Every spread has a different arrangement, and the book overall is impossible to remember. With each viewing, the emphasis falls somewhere new. For me, of late, the energy of Klein’s many Harlem photographs has my attention. Throughout his career, Black experiences have been a key thread (he went on to make groundbreaking films about Cassius Clay, Eldridge Cleaver, the 1969 Pan-African Festival in Algiers, and Little Richard). Klein’s captions speak clearly of Black resilience in the face of white racism. His Harlem images range from the almost chaotic to the stately, but he is always present to his subjects.
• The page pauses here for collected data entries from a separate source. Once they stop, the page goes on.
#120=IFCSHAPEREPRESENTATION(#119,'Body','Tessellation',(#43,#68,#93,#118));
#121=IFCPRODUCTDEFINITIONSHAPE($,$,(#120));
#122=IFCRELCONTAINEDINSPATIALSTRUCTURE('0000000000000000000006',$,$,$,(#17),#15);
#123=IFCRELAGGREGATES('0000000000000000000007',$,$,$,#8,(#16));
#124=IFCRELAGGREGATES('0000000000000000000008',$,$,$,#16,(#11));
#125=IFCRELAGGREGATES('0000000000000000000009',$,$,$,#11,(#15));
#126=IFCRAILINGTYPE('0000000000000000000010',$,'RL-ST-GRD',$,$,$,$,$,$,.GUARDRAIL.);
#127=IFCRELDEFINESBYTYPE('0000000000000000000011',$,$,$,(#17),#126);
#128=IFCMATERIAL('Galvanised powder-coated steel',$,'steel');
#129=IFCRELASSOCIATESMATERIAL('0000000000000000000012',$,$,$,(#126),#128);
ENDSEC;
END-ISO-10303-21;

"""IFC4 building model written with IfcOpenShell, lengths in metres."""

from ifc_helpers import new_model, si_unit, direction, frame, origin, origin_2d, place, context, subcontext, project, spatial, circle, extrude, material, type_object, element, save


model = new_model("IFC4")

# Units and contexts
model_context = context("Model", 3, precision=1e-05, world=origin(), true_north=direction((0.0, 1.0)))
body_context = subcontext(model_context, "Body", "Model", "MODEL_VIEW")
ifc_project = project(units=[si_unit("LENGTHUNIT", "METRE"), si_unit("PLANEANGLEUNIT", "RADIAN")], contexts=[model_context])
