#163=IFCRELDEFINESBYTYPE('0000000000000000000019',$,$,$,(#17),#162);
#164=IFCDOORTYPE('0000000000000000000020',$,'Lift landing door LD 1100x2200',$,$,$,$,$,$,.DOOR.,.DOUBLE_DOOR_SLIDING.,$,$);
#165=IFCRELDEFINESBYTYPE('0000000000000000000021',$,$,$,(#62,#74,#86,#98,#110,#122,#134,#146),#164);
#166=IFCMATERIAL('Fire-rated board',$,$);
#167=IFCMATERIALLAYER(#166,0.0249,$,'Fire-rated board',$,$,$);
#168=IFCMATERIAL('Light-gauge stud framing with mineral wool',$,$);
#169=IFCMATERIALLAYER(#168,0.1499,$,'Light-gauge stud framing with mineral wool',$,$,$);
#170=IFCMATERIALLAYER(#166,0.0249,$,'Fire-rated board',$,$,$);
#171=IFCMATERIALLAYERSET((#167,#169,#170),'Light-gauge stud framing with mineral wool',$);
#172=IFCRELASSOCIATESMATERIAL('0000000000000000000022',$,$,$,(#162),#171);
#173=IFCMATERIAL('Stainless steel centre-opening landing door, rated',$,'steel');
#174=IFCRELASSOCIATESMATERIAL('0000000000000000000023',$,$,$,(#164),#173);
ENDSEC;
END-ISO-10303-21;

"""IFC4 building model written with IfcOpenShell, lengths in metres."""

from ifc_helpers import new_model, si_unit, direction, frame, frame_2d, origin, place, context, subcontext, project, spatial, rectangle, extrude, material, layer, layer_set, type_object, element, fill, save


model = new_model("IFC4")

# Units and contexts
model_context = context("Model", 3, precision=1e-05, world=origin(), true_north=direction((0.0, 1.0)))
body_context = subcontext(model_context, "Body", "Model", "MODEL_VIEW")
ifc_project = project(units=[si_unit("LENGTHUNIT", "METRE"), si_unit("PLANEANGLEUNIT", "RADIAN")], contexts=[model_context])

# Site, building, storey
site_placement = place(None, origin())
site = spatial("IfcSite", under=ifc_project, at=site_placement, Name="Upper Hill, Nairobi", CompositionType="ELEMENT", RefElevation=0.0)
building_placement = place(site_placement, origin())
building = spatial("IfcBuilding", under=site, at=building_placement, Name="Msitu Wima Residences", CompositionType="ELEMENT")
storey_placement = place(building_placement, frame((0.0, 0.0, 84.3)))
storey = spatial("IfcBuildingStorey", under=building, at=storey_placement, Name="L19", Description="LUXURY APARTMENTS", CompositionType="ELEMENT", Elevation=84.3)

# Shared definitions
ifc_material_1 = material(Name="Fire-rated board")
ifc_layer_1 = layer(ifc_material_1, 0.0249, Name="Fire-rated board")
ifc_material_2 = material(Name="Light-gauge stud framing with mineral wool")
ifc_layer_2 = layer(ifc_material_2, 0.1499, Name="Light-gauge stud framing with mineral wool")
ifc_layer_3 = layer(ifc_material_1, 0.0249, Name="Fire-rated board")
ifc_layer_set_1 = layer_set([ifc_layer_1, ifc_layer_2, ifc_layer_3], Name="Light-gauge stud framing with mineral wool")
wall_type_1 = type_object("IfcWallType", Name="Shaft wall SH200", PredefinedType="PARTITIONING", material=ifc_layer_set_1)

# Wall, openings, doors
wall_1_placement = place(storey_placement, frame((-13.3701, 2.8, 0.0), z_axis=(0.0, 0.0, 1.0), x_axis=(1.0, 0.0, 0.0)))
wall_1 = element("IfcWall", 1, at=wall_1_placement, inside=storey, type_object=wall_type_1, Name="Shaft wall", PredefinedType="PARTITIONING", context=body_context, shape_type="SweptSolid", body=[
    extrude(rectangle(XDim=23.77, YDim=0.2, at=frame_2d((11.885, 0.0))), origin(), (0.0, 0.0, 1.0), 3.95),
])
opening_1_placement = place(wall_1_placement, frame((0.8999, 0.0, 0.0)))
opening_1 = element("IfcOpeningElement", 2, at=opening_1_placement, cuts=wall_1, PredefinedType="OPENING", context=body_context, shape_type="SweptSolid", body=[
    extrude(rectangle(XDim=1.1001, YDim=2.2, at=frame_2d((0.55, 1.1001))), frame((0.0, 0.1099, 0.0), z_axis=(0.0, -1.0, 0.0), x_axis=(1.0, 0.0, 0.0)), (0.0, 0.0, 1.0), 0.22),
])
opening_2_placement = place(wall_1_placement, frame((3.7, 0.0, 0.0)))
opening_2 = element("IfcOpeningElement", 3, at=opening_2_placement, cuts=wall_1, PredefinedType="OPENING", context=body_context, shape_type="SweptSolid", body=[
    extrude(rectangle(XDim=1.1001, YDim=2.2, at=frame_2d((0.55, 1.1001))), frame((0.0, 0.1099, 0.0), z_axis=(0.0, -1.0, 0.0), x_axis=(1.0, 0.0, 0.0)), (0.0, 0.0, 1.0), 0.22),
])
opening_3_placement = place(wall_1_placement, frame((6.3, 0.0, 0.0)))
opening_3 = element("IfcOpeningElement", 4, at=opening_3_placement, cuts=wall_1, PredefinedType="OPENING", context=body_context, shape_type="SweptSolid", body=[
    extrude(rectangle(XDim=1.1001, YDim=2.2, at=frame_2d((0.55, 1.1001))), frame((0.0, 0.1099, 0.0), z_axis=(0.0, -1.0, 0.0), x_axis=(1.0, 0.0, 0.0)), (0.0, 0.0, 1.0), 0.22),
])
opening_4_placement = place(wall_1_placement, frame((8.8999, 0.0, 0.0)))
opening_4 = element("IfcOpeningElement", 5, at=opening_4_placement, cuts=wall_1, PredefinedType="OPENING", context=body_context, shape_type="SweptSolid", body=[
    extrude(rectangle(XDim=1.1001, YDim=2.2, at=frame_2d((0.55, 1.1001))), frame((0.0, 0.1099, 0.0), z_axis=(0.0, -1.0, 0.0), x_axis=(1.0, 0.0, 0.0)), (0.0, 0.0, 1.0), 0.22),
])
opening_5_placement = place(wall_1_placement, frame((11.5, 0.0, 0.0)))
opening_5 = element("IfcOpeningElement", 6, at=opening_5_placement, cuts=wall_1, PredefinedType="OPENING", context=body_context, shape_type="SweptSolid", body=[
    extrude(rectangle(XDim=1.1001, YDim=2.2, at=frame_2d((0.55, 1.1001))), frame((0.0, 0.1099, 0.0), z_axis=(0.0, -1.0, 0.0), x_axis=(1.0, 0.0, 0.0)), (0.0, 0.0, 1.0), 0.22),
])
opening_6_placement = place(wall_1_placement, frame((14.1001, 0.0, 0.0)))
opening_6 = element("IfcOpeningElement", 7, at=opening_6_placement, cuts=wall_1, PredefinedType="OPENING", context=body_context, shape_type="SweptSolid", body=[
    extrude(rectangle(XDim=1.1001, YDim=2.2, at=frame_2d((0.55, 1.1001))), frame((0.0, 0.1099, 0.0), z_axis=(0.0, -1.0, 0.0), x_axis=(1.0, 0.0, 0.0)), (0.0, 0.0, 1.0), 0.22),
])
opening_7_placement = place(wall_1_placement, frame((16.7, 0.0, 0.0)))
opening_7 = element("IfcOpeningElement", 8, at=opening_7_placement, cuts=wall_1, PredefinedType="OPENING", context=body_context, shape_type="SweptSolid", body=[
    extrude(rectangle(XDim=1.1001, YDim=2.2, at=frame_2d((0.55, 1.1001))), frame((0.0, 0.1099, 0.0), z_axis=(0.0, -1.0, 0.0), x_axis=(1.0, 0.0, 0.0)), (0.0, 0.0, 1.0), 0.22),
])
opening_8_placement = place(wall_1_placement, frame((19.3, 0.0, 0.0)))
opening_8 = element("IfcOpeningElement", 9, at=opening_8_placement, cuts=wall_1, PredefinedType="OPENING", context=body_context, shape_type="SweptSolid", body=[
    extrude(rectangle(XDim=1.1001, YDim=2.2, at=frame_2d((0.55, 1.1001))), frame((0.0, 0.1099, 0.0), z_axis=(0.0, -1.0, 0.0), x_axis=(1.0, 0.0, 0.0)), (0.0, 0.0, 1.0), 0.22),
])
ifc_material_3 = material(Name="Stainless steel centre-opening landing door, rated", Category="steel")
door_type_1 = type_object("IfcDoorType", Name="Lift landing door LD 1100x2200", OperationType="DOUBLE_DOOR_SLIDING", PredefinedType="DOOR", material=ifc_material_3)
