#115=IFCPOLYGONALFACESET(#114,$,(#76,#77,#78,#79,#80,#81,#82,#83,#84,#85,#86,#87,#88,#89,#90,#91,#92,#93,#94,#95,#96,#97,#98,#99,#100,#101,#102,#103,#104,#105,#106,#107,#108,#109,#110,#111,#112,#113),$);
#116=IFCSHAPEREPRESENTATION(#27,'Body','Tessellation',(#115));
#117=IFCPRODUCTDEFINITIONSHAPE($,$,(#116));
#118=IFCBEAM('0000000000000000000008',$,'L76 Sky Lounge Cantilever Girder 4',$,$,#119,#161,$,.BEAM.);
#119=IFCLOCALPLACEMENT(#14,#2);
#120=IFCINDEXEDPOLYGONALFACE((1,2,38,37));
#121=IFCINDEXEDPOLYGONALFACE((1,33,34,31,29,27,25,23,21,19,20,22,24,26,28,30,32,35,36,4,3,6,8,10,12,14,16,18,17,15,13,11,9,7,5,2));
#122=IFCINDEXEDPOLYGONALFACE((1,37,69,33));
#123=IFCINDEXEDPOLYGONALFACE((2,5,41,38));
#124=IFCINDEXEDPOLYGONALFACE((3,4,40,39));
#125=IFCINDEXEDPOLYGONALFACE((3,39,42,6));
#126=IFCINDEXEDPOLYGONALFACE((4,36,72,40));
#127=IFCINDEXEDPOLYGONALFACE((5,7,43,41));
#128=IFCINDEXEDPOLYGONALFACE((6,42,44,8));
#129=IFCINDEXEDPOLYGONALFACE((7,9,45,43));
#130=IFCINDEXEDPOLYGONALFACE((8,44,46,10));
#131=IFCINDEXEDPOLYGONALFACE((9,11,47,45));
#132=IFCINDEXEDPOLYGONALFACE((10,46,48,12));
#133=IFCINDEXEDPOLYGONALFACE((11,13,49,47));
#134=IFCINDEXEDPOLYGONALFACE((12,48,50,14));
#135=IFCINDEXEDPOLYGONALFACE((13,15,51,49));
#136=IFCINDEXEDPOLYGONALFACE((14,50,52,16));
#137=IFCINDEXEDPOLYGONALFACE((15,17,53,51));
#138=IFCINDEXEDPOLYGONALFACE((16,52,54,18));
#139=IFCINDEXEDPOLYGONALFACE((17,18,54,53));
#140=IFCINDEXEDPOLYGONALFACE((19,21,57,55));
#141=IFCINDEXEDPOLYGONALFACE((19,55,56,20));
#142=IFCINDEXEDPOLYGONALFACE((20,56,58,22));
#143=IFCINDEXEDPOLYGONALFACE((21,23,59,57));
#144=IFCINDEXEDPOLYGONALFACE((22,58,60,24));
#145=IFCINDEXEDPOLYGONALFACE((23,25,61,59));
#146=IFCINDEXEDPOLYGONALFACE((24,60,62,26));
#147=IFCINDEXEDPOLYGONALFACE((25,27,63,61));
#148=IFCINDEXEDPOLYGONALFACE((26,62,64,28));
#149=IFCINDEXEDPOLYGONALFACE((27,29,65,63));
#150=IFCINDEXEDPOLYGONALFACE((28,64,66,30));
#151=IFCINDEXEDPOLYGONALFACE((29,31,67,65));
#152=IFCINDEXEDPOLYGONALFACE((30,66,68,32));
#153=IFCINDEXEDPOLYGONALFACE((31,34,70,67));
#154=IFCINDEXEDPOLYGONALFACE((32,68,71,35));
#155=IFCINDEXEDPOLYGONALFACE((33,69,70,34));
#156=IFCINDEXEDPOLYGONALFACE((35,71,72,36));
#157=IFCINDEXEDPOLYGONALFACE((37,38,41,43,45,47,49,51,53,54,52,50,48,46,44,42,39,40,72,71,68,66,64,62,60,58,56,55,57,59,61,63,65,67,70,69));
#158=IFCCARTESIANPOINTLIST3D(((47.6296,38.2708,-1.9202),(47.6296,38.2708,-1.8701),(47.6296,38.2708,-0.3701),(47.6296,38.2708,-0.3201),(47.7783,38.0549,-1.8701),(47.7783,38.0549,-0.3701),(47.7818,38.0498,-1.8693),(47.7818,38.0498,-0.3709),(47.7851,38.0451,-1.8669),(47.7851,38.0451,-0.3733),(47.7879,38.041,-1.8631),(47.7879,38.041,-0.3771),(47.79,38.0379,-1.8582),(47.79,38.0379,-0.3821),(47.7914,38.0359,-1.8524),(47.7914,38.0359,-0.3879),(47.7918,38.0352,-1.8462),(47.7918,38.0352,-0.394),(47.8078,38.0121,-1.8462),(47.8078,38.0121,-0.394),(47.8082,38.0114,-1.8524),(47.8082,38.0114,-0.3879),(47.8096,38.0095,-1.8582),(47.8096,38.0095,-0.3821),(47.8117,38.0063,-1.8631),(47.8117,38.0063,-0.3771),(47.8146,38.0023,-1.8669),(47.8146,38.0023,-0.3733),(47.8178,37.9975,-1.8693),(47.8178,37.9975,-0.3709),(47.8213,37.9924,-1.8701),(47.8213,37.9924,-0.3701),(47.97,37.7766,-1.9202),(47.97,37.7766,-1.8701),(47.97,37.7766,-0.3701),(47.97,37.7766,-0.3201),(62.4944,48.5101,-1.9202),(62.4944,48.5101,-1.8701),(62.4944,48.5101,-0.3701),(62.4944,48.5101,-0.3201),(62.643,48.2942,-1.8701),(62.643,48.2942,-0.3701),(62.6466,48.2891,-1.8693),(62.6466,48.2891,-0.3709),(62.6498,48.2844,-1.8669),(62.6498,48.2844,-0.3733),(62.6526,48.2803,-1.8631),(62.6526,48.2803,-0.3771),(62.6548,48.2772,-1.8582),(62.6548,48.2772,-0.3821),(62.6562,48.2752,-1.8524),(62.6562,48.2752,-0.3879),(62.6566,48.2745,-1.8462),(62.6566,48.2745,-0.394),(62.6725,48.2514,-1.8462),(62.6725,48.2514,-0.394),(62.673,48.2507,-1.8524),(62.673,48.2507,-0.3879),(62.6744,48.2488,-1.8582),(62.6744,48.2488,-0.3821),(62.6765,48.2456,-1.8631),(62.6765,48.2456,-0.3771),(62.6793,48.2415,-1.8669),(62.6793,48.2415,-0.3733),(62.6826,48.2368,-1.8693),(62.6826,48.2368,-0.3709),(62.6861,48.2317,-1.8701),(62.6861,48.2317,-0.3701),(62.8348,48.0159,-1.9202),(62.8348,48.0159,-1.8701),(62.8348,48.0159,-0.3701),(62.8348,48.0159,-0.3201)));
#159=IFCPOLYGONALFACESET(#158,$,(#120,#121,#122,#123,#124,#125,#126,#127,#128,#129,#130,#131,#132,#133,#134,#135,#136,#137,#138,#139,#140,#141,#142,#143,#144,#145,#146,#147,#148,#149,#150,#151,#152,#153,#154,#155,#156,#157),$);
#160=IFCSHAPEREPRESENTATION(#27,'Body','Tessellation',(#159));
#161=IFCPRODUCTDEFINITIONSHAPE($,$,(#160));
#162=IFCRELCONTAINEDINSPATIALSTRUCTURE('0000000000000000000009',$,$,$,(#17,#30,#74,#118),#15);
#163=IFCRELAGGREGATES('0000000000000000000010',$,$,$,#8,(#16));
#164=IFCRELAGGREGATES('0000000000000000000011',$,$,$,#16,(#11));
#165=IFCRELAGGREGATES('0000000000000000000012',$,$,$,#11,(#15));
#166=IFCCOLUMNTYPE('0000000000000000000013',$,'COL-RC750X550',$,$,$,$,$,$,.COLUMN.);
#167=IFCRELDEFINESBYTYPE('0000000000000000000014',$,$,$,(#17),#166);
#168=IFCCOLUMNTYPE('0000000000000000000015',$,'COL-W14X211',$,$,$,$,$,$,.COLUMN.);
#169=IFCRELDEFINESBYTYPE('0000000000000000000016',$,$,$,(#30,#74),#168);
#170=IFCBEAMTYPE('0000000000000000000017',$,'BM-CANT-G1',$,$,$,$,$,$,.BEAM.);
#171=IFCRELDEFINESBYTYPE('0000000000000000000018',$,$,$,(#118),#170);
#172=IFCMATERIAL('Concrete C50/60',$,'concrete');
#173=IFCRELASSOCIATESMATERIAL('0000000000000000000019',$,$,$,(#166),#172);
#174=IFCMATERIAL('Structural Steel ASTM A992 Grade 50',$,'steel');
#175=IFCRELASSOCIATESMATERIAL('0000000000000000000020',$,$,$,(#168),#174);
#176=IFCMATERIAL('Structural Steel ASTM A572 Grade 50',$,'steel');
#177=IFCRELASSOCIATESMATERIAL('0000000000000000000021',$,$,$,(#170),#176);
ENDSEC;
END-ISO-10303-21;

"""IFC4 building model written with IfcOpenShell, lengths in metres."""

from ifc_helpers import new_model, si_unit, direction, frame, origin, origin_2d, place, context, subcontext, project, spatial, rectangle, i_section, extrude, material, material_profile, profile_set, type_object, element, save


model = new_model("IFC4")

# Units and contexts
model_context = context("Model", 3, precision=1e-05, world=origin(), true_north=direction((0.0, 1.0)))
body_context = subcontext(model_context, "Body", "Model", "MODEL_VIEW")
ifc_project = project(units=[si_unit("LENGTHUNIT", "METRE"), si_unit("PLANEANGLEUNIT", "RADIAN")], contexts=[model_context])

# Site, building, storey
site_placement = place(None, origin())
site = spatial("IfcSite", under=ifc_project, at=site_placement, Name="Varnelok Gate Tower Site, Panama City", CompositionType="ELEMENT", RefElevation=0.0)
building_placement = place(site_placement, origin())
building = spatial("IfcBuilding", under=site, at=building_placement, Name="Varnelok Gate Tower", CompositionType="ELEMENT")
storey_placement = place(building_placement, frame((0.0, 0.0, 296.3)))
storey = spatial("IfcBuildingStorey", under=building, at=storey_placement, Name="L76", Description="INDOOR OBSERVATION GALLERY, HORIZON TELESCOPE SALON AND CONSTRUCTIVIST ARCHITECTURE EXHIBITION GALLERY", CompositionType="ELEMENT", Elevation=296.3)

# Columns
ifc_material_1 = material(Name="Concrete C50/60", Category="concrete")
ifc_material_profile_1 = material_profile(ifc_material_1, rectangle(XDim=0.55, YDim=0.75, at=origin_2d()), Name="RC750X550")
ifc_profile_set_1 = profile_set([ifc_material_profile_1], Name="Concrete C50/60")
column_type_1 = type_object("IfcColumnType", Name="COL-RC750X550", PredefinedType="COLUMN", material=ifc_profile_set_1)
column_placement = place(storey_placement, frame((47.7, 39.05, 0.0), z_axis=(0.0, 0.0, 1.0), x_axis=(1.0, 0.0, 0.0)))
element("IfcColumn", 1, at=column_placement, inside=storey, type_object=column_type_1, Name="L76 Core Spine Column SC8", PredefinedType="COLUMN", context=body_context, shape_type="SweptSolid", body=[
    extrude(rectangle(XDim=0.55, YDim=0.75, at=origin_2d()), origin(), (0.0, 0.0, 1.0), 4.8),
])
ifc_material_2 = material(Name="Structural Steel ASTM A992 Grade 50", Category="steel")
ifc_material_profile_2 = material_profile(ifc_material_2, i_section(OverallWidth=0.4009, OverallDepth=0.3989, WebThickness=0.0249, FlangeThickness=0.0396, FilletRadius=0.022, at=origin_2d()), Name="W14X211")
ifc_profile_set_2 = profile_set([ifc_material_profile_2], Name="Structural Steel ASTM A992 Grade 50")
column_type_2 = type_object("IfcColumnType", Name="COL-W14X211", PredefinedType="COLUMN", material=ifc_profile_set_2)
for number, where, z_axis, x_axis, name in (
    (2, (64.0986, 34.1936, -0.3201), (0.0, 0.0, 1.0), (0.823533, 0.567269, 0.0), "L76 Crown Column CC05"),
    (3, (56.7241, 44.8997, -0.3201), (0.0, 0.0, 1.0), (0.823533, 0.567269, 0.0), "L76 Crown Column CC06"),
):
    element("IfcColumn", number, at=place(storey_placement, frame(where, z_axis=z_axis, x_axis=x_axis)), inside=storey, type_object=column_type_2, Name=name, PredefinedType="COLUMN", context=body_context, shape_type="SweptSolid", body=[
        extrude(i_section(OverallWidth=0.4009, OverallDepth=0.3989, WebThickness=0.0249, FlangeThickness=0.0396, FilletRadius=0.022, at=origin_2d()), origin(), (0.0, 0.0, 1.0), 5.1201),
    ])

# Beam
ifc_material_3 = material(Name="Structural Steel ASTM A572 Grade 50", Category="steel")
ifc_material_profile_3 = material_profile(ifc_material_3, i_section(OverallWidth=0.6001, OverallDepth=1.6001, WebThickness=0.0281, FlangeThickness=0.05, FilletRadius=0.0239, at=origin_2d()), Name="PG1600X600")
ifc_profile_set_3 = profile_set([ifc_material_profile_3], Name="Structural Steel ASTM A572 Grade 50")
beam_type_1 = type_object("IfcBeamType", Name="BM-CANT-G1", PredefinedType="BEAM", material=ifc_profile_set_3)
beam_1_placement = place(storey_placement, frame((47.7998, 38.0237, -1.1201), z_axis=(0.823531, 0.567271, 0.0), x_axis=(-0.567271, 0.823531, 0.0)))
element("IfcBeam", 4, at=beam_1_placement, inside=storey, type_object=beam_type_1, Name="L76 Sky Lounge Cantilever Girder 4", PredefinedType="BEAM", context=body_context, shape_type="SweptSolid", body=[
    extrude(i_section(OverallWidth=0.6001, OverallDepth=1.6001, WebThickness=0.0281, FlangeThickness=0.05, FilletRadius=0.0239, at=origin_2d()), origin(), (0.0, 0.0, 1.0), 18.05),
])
Never attempting to be invisible, Klein is unmistakably part of each situation—interacting, collaborating, sharing, and celebrating. There’s nothing voyeuristic, and certainly nothing objective, about his images. These are willfully immersive photographs, and all the richer for it. New York is performed as much as documented, with human life a constantly improvised theater.
To the purist defenders of documentary and fine-art photography in the United States, this was all deeply off-putting. Only recently has the country come to appreciate Klein’s artistic achievement and global influence. At the time, no U.S. publisher would touch Life is Good & Good for You in New York. It was tumultuous and wild, with swerving bebop rhythms of editing and no calming white borders. The most adventurous American photobook to get published in the 1950s was probably Roy DeCarava and Langston Hughes’s The Sweet Flypaper of Life, from 1955. Klein’s book had ten times the photographs, no narrative, and a jumble of styles. Back in Paris, it was the young upstart editor Chris Marker who persuaded Éditions du Seuil to issue it, with co-editions published in London and Rome. Today it tops many lists of the most influential photobooks.
I have never understood Klein’s views about New York, and this has never bothered me. One can see in his book a premonition of the city’s future urban hell, but of resilience and reinvention too. Sixty-five years on, it remains a vision against which the city can measure itself.